In Italia durante la scuola primaria le bambine ottengono generalmente risultati migliori dei compagni maschi, eppure la scelta dei percorsi scolastici si distingue nettamente a seconda del genere quando si arriva alle scuole superiori. I maschi tendono a privilegiare materie scientifiche e percorsi che portano a professioni specializzate e ben retribuite, mentre le ragazze scelgono percorsi umanistici e carriere meno promettenti.

La percentuale di ragazze che scelgono percorsi universitari nell’ambito STEM (Science, Technology Engineering and Mathematics) è ancora largamente minoritaria (nel 2022 il 34% dei laureati) e questo è dovuto a un pregiudizio che descrive le donne come poco portate per la matematica.

Anche l’Unione Europea sta cercando delle soluzioni per interrompere questa tendenza e gli esperti suggeriscono di occuparsi dei libri di testo che ancora troppo spesso riportano stereotipi di genere, proporre alle bambine modelli di donne scienziate, incoraggiare le ragazze a interessarsi di materie STEM a scuola e in famiglia e sostenere le studentesse universitarie per scoraggiare l’abbandono degli studi.

Lavoro e maternità

La maternità è un’esperienza comune a molte donne, ma rappresenta un punto di non ritorno per la loro carriera. I dati ci dicono che in Italia una donna su cinque è costretta ad abbandonare il lavoro in seguito alla maternità, dal momento che per molte risulta impossibile conciliare carriera e cura dei figli.
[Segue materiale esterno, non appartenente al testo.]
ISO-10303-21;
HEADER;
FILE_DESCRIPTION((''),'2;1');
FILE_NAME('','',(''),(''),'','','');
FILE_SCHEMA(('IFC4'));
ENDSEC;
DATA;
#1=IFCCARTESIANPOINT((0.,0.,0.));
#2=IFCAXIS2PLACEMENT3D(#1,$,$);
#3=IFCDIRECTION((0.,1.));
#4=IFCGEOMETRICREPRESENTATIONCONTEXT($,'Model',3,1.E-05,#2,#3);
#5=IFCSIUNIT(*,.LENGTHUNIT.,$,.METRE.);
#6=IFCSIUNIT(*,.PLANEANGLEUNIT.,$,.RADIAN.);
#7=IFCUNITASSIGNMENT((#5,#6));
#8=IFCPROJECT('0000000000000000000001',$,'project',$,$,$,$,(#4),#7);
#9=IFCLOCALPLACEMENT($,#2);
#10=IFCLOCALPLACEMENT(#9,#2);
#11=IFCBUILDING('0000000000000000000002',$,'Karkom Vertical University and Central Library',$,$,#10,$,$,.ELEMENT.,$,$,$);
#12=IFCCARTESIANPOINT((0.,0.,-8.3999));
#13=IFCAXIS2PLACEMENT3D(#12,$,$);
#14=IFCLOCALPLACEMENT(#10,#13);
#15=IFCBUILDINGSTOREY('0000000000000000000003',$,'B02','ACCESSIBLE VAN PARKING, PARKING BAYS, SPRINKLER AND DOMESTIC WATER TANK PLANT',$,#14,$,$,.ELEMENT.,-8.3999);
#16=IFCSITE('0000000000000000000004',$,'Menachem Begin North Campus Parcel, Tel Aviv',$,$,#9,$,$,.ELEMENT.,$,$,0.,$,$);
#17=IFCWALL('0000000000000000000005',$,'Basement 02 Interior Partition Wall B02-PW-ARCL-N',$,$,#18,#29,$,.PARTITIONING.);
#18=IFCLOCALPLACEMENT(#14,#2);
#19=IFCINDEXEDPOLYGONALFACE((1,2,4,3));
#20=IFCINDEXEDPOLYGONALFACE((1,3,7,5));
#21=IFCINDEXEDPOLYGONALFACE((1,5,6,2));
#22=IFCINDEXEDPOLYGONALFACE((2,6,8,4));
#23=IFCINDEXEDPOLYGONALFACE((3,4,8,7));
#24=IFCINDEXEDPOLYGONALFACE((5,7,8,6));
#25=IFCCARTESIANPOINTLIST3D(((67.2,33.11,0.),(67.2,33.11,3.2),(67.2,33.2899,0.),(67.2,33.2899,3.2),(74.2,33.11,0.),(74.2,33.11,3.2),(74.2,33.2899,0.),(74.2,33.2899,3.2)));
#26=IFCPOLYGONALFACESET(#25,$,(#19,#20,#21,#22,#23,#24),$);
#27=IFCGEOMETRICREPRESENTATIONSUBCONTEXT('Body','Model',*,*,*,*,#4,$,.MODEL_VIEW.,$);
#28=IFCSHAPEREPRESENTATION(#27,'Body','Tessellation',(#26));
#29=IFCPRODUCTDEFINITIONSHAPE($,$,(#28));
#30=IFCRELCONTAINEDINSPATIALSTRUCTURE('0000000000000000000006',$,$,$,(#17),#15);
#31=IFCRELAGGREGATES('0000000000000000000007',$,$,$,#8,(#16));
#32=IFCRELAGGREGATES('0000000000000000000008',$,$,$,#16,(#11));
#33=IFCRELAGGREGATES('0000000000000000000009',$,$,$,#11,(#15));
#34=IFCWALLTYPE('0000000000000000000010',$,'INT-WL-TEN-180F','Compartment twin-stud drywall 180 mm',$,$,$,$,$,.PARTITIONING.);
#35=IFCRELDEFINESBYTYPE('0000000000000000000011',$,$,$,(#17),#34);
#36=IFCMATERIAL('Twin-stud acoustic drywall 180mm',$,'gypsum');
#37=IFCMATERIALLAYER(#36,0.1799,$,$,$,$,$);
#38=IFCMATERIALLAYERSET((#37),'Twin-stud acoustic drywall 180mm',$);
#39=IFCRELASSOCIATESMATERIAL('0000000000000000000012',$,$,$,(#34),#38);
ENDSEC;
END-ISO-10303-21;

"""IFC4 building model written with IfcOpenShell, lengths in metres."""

from ifc_helpers import new_model, si_unit, direction, frame, frame_2d, origin, place, context, subcontext, project, spatial, rectangle, extrude, material, layer, layer_set, type_object, element, save


model = new_model("IFC4")

# Units and contexts
model_context = context("Model", 3, precision=1e-05, world=origin(), true_north=direction((0.0, 1.0)))
body_context = subcontext(model_context, "Body", "Model", "MODEL_VIEW")
ifc_project = project(units=[si_unit("LENGTHUNIT", "METRE"), si_unit("PLANEANGLEUNIT", "RADIAN")], contexts=[model_context])

# Site, building, storey
site_placement = place(None, origin())
site = spatial("IfcSite", under=ifc_project, at=site_placement, Name="Menachem Begin North Campus Parcel, Tel Aviv", CompositionType="ELEMENT", RefElevation=0.0)
building_placement = place(site_placement, origin())
building = spatial("IfcBuilding", under=site, at=building_placement, Name="Karkom Vertical University and Central Library", CompositionType="ELEMENT")
storey_placement = place(building_placement, frame((0.0, 0.0, -8.3999)))
storey = spatial("IfcBuildingStorey", under=building, at=storey_placement, Name="B02", Description="ACCESSIBLE VAN PARKING, PARKING BAYS, SPRINKLER AND DOMESTIC WATER TANK PLANT", CompositionType="ELEMENT", Elevation=-8.3999)

# Wall
ifc_material_1 = material(Name="Twin-stud acoustic drywall 180mm", Category="gypsum")
ifc_layer = layer(ifc_material_1, 0.1799)
ifc_layer_set = layer_set([ifc_layer], Name="Twin-stud acoustic drywall 180mm")
wall_type = type_object("IfcWallType", Name="INT-WL-TEN-180F", Description="Compartment twin-stud drywall 180 mm", PredefinedType="PARTITIONING", material=ifc_layer_set)
wall_placement = place(storey_placement, frame((67.2, 33.2, 0.0), z_axis=(0.0, 0.0, 1.0), x_axis=(1.0, 0.0, 0.0)))
element("IfcWall", 1, at=wall_placement, inside=storey, type_object=wall_type, Name="Basement 02 Interior Partition Wall B02-PW-ARCL-N", PredefinedType="PARTITIONING", context=body_context, shape_type="SweptSolid", body=[
    extrude(rectangle(XDim=7.0, YDim=0.1799, at=frame_2d((3.5, 0.0))), origin(), (0.0, 0.0, 1.0), 3.2),
])

save(model, "model.ifc")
Ancora oggi in Italia sono quasi esclusivamente le donne a occuparsi del lavoro di cura non retribuito, che comprende l’accudimento dei figli, le faccende domestiche e l’assistenza agli anziani. Questo rende quasi impossibile per molte donne raggiungere una situazione di Work-Life Balance, in cui cioè siano in grado di raggiungere l’equilibrio tra lavoro e tempo libero.

In Italia esistono forti criticità sul fronte dei servizi che potrebbero sollevare le donne da questo peso: l’offerta di asili nido è ancora molto scarsa e le richieste di iscrizione negli istituti pubblici sono in gran parte insoddisfatte. Le neomamme sono così costrette ad affidare i bambini alla cura dei nonni o ad abbandonare il lavoro per occuparsene.
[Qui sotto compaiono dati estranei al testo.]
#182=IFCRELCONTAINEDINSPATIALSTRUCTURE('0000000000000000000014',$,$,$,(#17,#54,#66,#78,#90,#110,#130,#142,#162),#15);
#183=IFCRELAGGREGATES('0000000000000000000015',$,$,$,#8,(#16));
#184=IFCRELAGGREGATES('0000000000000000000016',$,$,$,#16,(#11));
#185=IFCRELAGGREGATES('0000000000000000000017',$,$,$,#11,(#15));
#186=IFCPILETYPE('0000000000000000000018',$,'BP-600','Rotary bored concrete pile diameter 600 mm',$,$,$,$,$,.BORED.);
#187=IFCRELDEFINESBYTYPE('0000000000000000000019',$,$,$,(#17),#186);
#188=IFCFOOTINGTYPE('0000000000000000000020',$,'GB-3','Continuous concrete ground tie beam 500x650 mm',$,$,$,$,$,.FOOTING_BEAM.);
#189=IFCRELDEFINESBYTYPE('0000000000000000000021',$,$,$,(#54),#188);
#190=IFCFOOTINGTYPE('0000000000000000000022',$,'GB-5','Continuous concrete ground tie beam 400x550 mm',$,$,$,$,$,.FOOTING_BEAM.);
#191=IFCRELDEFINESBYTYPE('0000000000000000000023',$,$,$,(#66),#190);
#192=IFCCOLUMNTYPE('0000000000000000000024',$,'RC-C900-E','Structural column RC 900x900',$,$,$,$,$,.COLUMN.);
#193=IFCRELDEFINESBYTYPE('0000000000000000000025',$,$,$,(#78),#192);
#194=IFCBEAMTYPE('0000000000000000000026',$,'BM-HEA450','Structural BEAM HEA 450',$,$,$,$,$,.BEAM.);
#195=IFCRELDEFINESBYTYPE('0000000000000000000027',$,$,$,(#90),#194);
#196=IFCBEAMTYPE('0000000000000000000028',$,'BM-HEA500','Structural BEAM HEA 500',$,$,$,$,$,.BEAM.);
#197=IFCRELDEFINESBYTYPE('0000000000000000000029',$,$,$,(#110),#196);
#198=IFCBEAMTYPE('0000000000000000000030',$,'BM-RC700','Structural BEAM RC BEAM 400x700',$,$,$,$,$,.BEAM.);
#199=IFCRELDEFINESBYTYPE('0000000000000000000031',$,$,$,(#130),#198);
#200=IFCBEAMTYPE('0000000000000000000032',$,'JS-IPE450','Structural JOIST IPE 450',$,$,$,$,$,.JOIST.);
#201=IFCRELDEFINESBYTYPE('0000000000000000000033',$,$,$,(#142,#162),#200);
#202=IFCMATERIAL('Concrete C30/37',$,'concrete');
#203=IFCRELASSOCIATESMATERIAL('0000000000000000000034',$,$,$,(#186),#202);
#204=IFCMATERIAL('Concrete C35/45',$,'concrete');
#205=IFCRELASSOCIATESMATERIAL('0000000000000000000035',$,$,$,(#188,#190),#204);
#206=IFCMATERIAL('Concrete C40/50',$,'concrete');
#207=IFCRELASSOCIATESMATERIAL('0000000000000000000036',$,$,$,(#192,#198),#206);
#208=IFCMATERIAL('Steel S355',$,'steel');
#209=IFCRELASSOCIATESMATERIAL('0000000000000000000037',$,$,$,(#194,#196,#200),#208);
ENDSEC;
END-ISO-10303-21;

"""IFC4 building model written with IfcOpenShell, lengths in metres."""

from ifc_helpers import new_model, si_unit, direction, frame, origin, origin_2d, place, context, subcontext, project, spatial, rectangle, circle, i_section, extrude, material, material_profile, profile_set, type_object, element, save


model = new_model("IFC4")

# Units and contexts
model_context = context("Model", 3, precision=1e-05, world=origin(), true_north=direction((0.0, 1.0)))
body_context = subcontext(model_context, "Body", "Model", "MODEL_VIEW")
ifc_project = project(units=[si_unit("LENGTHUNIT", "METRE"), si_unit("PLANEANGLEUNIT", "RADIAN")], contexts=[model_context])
La legge italiana prevede solo dieci giorni di congedo di paternità obbligatorio, contro i cinque mesi concessi invece alle madri. In altri Paesi come la Spagna sono state adottate misure volte a distribuire più equamente il carico di cura tra i genitori, come il congedo parentale obbligatorio e di uguale durata per entrambi.

Un congedo di paternità obbligatorio e più lungo aiuterebbe a ripensare in ottica paritaria i ruoli dei genitori e a permettere alle donne di continuare a lavorare.

La maternità ha conseguenze negative anche per le donne che riescono a rimanere nel mercato del lavoro: il termine motherhood penalty indica il fenomeno per cui i salari delle donne si abbassano significativamente dopo la nascita di un figlio (dal 10% al 35%).

Come abbiamo visto, la strada per la parità è ancora lunga ed il percorso è lento, ma inesorabile. È necessario che le aziende si impegnino a combattere gli stereotipi di genere e valorizzare la leadership femminile per un futuro più equo.